My connection to the island goes back to all my endeavors in extra curricular sports during my public school education. Back in the 6th grade me and some other friends strayed from the group and toured the dark corridors of Downing Stadium, sneaking through rusted walls and long forgotten concession stands.
I came back to the stadium several times more with a track team that I joined separately from high school. It was the only place where I'd ever done so well as to have gained 2nd place. That alone was an experience like no other, one member of my team was up in the stands shouting his lungs out the whole time, as if he knew before I did, that when I came around the short side of the turn on the 200 meters, I was going to have a chance to win a heat. The grass in the middle of the track was a mix of green and brown, lumpy but soft, and all the markings on the tracks were faded like a pair of coveted blue jeans. When the short number of seconds was finished, I felt as though I was on some other level of time. My small chest was pounding like a humming-bird's, the two sticks I called legs trembled. The only place for my arms was to stabilize them on my waste, otherwise my entire equilibrium would have disappeared.
I then came back to the stadium a few times more after I graduated high school, only this time it was for photography, and for the dedicated attempt to document it before it was torn down. See the stadium no longer exists now, replaced now by Icahn Stadium. This stadium's cost was in the millions, 5 million I think. Downing Stadium had a crowd capacity quadrupling that of the new Icahn, and faux Roman style which gave it a soul. The new Icahn, while meeting modern standards in track and field quality, clearly was aiming a lot lower than the former stadium when it came to size, and style. But alas, this is how the world has always operated, rather than renovating the old stadium, just build a new one, smaller, and less classy. Downing Stadium had a few moments in history. Duke Ellington played there, so did Jimi Hendrix, and when the stadium was used for time trials for the 1936 Olympics, Jesse Owens ran there in front of a crowd of 45,000 people, in anticipation of his athletic statement against the Nazis.

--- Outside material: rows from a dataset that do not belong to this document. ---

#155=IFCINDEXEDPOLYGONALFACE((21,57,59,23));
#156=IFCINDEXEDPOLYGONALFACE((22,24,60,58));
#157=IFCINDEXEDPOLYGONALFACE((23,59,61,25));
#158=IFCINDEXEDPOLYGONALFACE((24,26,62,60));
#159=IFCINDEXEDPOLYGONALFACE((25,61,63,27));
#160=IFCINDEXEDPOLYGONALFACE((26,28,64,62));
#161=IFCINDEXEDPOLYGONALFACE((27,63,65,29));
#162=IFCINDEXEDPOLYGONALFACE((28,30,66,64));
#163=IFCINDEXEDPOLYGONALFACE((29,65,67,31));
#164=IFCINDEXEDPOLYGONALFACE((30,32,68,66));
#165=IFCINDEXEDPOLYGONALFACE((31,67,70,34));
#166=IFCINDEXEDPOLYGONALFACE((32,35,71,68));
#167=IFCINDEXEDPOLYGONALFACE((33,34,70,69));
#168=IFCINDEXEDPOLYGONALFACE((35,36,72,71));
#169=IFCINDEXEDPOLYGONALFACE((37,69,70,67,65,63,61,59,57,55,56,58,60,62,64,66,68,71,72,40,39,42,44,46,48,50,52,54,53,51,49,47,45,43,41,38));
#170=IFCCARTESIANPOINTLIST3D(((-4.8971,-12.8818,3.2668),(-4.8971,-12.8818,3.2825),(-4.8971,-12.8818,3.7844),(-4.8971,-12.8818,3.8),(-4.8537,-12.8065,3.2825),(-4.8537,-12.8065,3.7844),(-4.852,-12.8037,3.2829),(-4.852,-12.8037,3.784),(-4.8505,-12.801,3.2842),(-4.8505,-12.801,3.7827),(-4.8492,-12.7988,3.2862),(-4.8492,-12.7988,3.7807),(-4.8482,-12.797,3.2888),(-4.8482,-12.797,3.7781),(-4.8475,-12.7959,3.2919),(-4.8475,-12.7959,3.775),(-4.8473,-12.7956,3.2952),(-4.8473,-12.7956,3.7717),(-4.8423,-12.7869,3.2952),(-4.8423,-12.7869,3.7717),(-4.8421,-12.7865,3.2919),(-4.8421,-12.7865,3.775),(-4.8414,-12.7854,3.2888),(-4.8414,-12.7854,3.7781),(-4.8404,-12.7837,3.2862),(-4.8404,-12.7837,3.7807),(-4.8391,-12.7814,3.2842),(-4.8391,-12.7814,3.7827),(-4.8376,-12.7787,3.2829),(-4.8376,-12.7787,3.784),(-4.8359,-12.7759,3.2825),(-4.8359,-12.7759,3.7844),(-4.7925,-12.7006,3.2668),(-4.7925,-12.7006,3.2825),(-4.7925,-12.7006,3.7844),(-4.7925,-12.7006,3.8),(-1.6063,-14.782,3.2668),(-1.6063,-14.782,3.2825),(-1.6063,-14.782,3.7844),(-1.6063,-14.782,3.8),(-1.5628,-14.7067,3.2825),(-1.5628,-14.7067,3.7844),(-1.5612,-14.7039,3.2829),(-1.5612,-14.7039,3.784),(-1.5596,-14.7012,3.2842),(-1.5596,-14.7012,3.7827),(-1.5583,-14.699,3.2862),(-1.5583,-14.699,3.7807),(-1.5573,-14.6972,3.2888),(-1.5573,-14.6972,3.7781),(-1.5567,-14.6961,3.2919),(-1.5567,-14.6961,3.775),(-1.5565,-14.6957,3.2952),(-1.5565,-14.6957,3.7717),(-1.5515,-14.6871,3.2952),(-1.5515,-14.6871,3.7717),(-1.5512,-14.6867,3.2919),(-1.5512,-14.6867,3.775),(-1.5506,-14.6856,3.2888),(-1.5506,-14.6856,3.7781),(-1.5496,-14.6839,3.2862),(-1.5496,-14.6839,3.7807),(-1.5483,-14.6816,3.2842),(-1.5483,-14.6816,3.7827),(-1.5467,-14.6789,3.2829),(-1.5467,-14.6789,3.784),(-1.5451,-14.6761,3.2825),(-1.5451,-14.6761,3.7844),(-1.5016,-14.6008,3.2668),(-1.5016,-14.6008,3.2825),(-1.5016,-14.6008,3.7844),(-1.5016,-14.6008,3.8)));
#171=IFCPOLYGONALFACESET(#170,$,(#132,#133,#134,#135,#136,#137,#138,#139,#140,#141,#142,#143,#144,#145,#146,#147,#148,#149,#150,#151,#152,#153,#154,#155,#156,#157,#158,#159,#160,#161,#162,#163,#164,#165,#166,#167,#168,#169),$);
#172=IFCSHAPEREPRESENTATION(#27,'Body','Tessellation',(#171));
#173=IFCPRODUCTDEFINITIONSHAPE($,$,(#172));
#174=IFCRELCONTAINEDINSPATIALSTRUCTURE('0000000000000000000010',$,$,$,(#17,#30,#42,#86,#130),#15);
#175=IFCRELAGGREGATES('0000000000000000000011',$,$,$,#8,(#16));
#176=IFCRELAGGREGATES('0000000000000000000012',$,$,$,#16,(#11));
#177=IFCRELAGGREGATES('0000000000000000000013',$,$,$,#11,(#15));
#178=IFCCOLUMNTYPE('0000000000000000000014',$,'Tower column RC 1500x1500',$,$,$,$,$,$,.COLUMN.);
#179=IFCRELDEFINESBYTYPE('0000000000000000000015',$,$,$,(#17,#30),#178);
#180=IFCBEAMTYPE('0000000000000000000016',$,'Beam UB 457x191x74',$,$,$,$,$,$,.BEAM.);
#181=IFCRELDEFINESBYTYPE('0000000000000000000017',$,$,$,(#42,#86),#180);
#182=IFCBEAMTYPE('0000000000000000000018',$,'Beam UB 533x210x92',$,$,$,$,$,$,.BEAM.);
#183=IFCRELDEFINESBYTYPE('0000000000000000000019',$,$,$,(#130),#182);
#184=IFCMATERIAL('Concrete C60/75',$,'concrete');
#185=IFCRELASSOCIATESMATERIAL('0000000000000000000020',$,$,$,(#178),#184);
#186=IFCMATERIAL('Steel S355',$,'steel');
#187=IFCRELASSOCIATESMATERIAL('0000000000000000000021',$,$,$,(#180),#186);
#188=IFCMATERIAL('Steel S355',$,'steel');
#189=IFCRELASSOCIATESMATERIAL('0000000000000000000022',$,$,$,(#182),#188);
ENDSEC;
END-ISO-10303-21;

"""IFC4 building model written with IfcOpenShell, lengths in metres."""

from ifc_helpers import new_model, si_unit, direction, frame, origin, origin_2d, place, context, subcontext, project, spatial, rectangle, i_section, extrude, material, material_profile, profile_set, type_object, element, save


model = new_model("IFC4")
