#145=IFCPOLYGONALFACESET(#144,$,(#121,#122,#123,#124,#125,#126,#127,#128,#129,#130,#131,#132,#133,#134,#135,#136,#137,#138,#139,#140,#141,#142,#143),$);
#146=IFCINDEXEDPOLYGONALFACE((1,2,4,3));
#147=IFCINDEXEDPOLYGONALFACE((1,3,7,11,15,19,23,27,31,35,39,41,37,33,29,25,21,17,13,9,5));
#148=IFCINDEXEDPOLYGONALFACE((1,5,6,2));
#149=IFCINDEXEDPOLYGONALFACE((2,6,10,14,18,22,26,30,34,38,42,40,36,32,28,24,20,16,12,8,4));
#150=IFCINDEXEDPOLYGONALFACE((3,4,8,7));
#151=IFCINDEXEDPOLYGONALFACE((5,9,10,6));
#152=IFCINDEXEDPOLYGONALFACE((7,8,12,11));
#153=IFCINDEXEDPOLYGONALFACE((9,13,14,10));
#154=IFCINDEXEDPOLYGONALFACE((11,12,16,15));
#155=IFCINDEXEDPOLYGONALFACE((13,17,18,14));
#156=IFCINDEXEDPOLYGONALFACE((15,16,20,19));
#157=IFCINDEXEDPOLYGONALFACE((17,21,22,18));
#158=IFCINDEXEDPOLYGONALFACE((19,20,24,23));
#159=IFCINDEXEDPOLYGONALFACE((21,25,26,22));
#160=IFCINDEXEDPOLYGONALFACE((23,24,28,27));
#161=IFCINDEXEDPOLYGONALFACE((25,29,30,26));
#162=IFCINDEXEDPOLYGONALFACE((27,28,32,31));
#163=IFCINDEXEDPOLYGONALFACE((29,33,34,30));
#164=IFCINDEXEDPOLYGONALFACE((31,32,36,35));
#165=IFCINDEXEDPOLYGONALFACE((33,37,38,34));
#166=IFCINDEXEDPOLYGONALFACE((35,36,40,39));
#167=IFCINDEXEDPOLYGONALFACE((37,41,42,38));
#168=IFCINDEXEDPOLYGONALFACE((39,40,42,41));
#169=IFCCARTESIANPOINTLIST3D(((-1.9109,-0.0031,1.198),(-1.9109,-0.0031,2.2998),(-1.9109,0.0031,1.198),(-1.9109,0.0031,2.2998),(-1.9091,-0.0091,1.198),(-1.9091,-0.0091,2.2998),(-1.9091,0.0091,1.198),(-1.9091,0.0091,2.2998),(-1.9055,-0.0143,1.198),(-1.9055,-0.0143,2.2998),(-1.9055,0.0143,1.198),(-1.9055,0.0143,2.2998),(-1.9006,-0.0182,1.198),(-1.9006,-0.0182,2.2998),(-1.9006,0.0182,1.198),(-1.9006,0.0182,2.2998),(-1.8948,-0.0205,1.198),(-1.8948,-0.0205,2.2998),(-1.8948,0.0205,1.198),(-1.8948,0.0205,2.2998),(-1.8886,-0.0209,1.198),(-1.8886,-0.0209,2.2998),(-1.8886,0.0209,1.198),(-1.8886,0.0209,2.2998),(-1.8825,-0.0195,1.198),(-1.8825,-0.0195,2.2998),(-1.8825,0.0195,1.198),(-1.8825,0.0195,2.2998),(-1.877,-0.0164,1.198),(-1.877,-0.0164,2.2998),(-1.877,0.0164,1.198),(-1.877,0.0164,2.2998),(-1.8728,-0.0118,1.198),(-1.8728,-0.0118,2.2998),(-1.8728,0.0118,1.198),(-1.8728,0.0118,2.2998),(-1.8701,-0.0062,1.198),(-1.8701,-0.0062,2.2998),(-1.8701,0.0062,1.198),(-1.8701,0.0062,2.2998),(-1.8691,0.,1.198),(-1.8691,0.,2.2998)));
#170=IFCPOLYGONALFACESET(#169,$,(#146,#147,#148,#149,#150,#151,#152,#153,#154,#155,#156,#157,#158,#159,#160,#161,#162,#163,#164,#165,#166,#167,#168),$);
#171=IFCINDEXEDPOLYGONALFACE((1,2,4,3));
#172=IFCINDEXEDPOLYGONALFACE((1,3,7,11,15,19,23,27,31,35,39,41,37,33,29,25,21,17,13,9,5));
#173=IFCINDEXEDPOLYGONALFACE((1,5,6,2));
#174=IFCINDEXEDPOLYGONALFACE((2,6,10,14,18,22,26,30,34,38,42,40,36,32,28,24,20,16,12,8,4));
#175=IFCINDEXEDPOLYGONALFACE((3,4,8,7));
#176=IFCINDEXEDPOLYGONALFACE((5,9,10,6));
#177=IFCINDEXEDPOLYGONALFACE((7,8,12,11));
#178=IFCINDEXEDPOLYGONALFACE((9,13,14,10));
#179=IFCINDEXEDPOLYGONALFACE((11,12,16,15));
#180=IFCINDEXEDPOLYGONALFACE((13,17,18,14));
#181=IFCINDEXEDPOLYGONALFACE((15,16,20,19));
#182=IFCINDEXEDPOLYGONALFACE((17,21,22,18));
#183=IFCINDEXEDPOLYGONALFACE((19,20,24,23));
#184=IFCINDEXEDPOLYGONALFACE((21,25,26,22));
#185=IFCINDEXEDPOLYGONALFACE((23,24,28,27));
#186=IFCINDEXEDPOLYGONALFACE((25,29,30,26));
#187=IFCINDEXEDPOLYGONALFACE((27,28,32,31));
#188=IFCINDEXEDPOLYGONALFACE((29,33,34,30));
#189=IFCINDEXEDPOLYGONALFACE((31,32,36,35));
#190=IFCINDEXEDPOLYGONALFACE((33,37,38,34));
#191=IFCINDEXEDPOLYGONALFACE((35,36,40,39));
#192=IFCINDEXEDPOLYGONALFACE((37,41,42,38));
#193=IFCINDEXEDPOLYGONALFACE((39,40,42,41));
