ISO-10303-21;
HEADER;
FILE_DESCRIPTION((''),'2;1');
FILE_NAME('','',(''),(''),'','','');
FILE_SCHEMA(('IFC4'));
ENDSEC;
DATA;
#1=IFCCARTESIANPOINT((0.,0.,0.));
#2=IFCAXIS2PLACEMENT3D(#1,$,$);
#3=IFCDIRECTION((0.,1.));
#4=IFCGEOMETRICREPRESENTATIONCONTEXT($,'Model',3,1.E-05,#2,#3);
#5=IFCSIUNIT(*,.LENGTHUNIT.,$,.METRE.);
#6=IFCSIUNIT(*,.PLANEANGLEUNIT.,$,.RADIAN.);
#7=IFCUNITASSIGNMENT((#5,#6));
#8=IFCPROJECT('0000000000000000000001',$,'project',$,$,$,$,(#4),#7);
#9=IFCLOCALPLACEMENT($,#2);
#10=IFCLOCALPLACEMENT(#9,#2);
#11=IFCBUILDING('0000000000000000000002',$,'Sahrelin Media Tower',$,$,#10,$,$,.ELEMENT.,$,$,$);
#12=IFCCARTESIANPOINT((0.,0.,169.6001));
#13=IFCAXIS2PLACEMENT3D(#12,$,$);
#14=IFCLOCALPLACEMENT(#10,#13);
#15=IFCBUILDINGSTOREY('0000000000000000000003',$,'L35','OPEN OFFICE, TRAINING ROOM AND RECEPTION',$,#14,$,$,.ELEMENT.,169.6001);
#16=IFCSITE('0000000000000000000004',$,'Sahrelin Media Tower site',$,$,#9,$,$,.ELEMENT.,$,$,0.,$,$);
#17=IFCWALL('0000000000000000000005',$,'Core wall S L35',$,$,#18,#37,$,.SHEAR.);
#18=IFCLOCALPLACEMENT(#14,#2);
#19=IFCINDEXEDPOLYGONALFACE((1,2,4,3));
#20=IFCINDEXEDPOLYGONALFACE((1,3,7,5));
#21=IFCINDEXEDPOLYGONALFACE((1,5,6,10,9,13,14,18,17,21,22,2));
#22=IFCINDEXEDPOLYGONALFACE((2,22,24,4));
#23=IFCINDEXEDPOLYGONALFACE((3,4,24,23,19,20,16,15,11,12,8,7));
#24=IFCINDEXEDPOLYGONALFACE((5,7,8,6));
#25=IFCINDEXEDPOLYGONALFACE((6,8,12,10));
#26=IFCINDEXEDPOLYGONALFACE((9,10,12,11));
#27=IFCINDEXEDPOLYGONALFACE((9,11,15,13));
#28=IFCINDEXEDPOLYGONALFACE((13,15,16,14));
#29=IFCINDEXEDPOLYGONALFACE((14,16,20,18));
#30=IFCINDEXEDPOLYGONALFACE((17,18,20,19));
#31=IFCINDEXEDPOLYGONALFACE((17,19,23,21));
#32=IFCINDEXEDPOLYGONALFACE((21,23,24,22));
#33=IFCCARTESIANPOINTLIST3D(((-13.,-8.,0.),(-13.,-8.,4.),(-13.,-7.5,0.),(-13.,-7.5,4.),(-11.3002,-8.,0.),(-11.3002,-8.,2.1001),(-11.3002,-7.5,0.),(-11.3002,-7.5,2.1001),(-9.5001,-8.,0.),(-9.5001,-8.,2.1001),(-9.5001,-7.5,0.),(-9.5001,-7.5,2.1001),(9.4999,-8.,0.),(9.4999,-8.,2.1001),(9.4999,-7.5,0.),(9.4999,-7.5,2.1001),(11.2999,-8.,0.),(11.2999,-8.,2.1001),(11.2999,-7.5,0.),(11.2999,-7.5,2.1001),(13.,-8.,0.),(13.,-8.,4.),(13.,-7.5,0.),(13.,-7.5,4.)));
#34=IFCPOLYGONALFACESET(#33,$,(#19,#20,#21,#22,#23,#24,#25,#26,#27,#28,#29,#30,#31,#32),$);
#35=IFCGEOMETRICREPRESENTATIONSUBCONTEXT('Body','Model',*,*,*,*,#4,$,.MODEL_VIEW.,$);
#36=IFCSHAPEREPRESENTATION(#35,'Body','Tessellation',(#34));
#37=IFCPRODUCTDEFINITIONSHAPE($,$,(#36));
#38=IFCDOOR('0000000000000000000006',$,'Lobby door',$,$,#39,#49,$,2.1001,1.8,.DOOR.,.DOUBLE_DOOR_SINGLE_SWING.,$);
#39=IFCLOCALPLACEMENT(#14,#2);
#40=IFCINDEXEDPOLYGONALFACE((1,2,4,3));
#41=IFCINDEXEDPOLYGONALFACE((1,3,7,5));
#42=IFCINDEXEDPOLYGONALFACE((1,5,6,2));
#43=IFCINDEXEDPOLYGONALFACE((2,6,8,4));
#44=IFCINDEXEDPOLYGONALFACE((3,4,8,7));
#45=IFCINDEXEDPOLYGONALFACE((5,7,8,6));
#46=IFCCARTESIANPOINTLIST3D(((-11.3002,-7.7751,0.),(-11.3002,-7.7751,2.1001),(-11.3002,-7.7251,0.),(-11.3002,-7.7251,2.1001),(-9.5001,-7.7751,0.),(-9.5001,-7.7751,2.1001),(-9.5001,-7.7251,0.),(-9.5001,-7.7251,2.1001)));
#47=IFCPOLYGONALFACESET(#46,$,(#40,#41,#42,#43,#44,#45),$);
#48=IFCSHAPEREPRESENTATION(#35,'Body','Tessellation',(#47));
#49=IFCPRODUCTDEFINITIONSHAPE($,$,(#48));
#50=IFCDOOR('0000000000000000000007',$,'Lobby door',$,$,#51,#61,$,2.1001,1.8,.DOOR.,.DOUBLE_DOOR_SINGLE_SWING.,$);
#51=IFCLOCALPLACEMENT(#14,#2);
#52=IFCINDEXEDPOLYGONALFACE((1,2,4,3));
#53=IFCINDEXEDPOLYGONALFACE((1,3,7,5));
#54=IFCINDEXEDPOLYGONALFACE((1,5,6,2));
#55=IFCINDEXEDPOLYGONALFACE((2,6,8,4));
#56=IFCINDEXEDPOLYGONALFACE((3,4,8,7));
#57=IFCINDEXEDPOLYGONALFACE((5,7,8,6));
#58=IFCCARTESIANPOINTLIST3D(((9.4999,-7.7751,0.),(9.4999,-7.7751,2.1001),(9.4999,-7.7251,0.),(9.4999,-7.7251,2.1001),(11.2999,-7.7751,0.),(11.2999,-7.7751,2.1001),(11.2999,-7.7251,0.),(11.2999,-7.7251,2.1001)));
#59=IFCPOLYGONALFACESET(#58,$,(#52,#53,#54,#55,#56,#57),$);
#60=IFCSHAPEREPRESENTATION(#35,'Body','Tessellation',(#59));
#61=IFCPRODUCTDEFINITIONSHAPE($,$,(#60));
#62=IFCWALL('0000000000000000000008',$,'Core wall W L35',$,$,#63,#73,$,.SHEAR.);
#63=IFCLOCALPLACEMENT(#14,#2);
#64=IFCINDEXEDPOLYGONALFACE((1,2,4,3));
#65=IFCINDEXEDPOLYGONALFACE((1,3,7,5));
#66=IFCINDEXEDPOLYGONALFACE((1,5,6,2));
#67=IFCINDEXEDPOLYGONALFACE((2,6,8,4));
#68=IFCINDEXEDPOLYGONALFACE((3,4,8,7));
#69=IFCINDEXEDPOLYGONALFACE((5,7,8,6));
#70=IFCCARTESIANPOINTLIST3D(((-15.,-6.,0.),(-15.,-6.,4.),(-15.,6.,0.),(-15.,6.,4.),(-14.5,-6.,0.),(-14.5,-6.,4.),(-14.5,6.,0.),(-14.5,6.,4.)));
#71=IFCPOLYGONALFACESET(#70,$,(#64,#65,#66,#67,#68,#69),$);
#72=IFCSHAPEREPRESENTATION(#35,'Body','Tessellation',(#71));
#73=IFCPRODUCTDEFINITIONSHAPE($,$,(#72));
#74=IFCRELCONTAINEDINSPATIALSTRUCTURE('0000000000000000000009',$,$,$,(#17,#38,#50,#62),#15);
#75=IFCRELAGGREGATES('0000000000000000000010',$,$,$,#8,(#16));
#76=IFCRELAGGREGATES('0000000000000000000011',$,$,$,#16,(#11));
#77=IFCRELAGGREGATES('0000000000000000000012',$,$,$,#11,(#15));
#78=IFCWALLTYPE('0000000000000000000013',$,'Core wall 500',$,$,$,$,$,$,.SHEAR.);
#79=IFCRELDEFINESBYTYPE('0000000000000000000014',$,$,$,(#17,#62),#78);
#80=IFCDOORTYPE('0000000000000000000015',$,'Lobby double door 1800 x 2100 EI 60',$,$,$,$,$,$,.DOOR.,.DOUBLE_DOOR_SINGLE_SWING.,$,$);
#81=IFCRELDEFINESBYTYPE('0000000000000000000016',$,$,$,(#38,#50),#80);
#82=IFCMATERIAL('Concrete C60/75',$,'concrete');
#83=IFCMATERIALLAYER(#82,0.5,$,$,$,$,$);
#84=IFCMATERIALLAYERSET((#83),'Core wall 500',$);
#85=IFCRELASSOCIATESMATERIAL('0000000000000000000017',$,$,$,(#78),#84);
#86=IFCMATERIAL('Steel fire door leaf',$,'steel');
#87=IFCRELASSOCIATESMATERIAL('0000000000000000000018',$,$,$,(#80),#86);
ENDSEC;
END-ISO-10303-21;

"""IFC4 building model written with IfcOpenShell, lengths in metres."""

from ifc_helpers import new_model, si_unit, direction, frame, frame_2d, origin, place, context, subcontext, project, spatial, rectangle, extrude, material, layer, layer_set, type_object, element, fill, save


model = new_model("IFC4")

# Units and contexts
model_context = context("Model", 3, precision=1e-05, world=origin(), true_north=direction((0.0, 1.0)))
body_context = subcontext(model_context, "Body", "Model", "MODEL_VIEW")
ifc_project = project(units=[si_unit("LENGTHUNIT", "METRE"), si_unit("PLANEANGLEUNIT", "RADIAN")], contexts=[model_context])

# Site, building, storey
site_placement = place(None, origin())
site = spatial("IfcSite", under=ifc_project, at=site_placement, Name="Sahrelin Media Tower site", CompositionType="ELEMENT", RefElevation=0.0)
building_placement = place(site_placement, origin())
building = spatial("IfcBuilding", under=site, at=building_placement, Name="Sahrelin Media Tower", CompositionType="ELEMENT")
storey_placement = place(building_placement, frame((0.0, 0.0, 169.6001)))
storey = spatial("IfcBuildingStorey", under=building, at=storey_placement, Name="L35", Description="OPEN OFFICE, TRAINING ROOM AND RECEPTION", CompositionType="ELEMENT", Elevation=169.6001)

# Wall, openings, doors
ifc_material_1 = material(Name="Concrete C60/75", Category="concrete")
ifc_layer_1 = layer(ifc_material_1, 0.5)
ifc_layer_set_1 = layer_set([ifc_layer_1], Name="Core wall 500")
wall_type_1 = type_object("IfcWallType", Name="Core wall 500", PredefinedType="SHEAR", material=ifc_layer_set_1)
wall_1_placement = place(storey_placement, frame((-13.0, -7.75, 0.0), z_axis=(0.0, 0.0, 1.0), x_axis=(1.0, 0.0, 0.0)))
wall_1 = element("IfcWall", 1, at=wall_1_placement, inside=storey, type_object=wall_type_1, Name="Core wall S L35", PredefinedType="SHEAR", context=body_context, shape_type="SweptSolid", body=[
    extrude(rectangle(XDim=26.0, YDim=0.5, at=frame_2d((13.0, 0.0))), origin(), (0.0, 0.0, 1.0), 4.0),
])
opening_1_placement = place(wall_1_placement, frame((1.7, 0.0, 0.0)))
opening_1 = element("IfcOpeningElement", 2, at=opening_1_placement, cuts=wall_1, PredefinedType="OPENING", context=body_context, shape_type="SweptSolid", body=[
    extrude(rectangle(XDim=1.8, YDim=2.1001, at=frame_2d((0.8999, 1.05))), frame((0.0, 0.25, 0.0), z_axis=(0.0, -1.0, 0.0), x_axis=(1.0, 0.0, 0.0)), (0.0, 0.0, 1.0), 0.5),
])
opening_2_placement = place(wall_1_placement, frame((22.5, 0.0, 0.0)))
opening_2 = element("IfcOpeningElement", 3, at=opening_2_placement, cuts=wall_1, PredefinedType="OPENING", context=body_context, shape_type="SweptSolid", body=[
    extrude(rectangle(XDim=1.8, YDim=2.1001, at=frame_2d((0.8999, 1.05))), frame((0.0, 0.25, 0.0), z_axis=(0.0, -1.0, 0.0), x_axis=(1.0, 0.0, 0.0)), (0.0, 0.0, 1.0), 0.5),
])
ifc_material_2 = material(Name="Steel fire door leaf", Category="steel")
door_type_1 = type_object("IfcDoorType", Name="Lobby double door 1800 x 2100 EI 60", OperationType="DOUBLE_DOOR_SINGLE_SWING", PredefinedType="DOOR", material=ifc_material_2)
door_1_placement = place(opening_1_placement, origin())
door_1 = element("IfcDoor", 4, at=door_1_placement, inside=storey, type_object=door_type_1, Name="Lobby door", OperationType="DOUBLE_DOOR_SINGLE_SWING", OverallHeight=2.1001, OverallWidth=1.8, PredefinedType="DOOR", context=body_context, shape_type="SweptSolid", body=[
    extrude(rectangle(XDim=1.8, YDim=2.1001, at=frame_2d((0.8999, 1.05))), frame((0.0, 0.0249, 0.0), z_axis=(0.0, -1.0, 0.0), x_axis=(1.0, 0.0, 0.0)), (0.0, 0.0, 1.0), 0.05),
])
fill(opening_1, door_1)
door_2_placement = place(opening_2_placement, origin())
door_2 = element("IfcDoor", 5, at=door_2_placement, inside=storey, type_object=door_type_1, Name="Lobby door", OperationType="DOUBLE_DOOR_SINGLE_SWING", OverallHeight=2.1001, OverallWidth=1.8, PredefinedType="DOOR", context=body_context, shape_type="SweptSolid", body=[
    extrude(rectangle(XDim=1.8, YDim=2.1001, at=frame_2d((0.8999, 1.05))), frame((0.0, 0.0249, 0.0), z_axis=(0.0, -1.0, 0.0), x_axis=(1.0, 0.0, 0.0)), (0.0, 0.0, 1.0), 0.05),
])
fill(opening_2, door_2)

# Wall
wall_2_placement = place(storey_placement, frame((-14.75, -6.0, 0.0), z_axis=(0.0, 0.0, 1.0), x_axis=(0.0, 1.0, 0.0)))
element("IfcWall", 6, at=wall_2_placement, inside=storey, type_object=wall_type_1, Name="Core wall W L35", PredefinedType="SHEAR", context=body_context, shape_type="SweptSolid", body=[
    extrude(rectangle(XDim=12.0, YDim=0.5, at=frame_2d((6.0, 0.0))), origin(), (0.0, 0.0, 1.0), 4.0),
])

save(model, "model.ifc")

Jesse Owens starting his 200 in the 1936 Olympics in Berlin. -Wikipedia
Me and a friend re-explored the old stadium and I upon shooting, came back and shot some more, and some more again. I was a little lost at the time, and I feel that if I hadn't gone there to shoot pictures, I wouldn't have gained such a sense of myself. Being alone, just two people in the vastness of the horse-shoed concrete mass, I felt as though I actually found a purpose. Without such an experience, I wouldn't have made the decision to attend college to major in photography.
Color Photography- 2001
The south Island - Ward's Island-
The winds would whip so fiercely on the Island, which splits the East river into two quadrants. As the river heads up and goes through the narrower Harlem River where it finds the Hudson, or to the right where it comes back to the Atlantic via the Long Island Sound. The south point of Randall's or Ward's Island is thus called Hell's Gate. But despite it's bad reputation with the sea farers or the thinly clad island visitors, the views were fantastic. In the 11th grade I played soccer at the most southeastern field. To the north adjacent to the field stood, and stands, the Hell's Gate Bridge, one of the most beautiful Bridges in the City, and to the east and the south, was the rippling river, and the skyline of Queens. But now that part of the island is being reconstructed.
The whole Southwest portion is completely redone. And all the maintenance and renovation has been funded by the most affluent private schools of New York, in exchange for their exclusive use during prime hours in which the public schools used to use the island.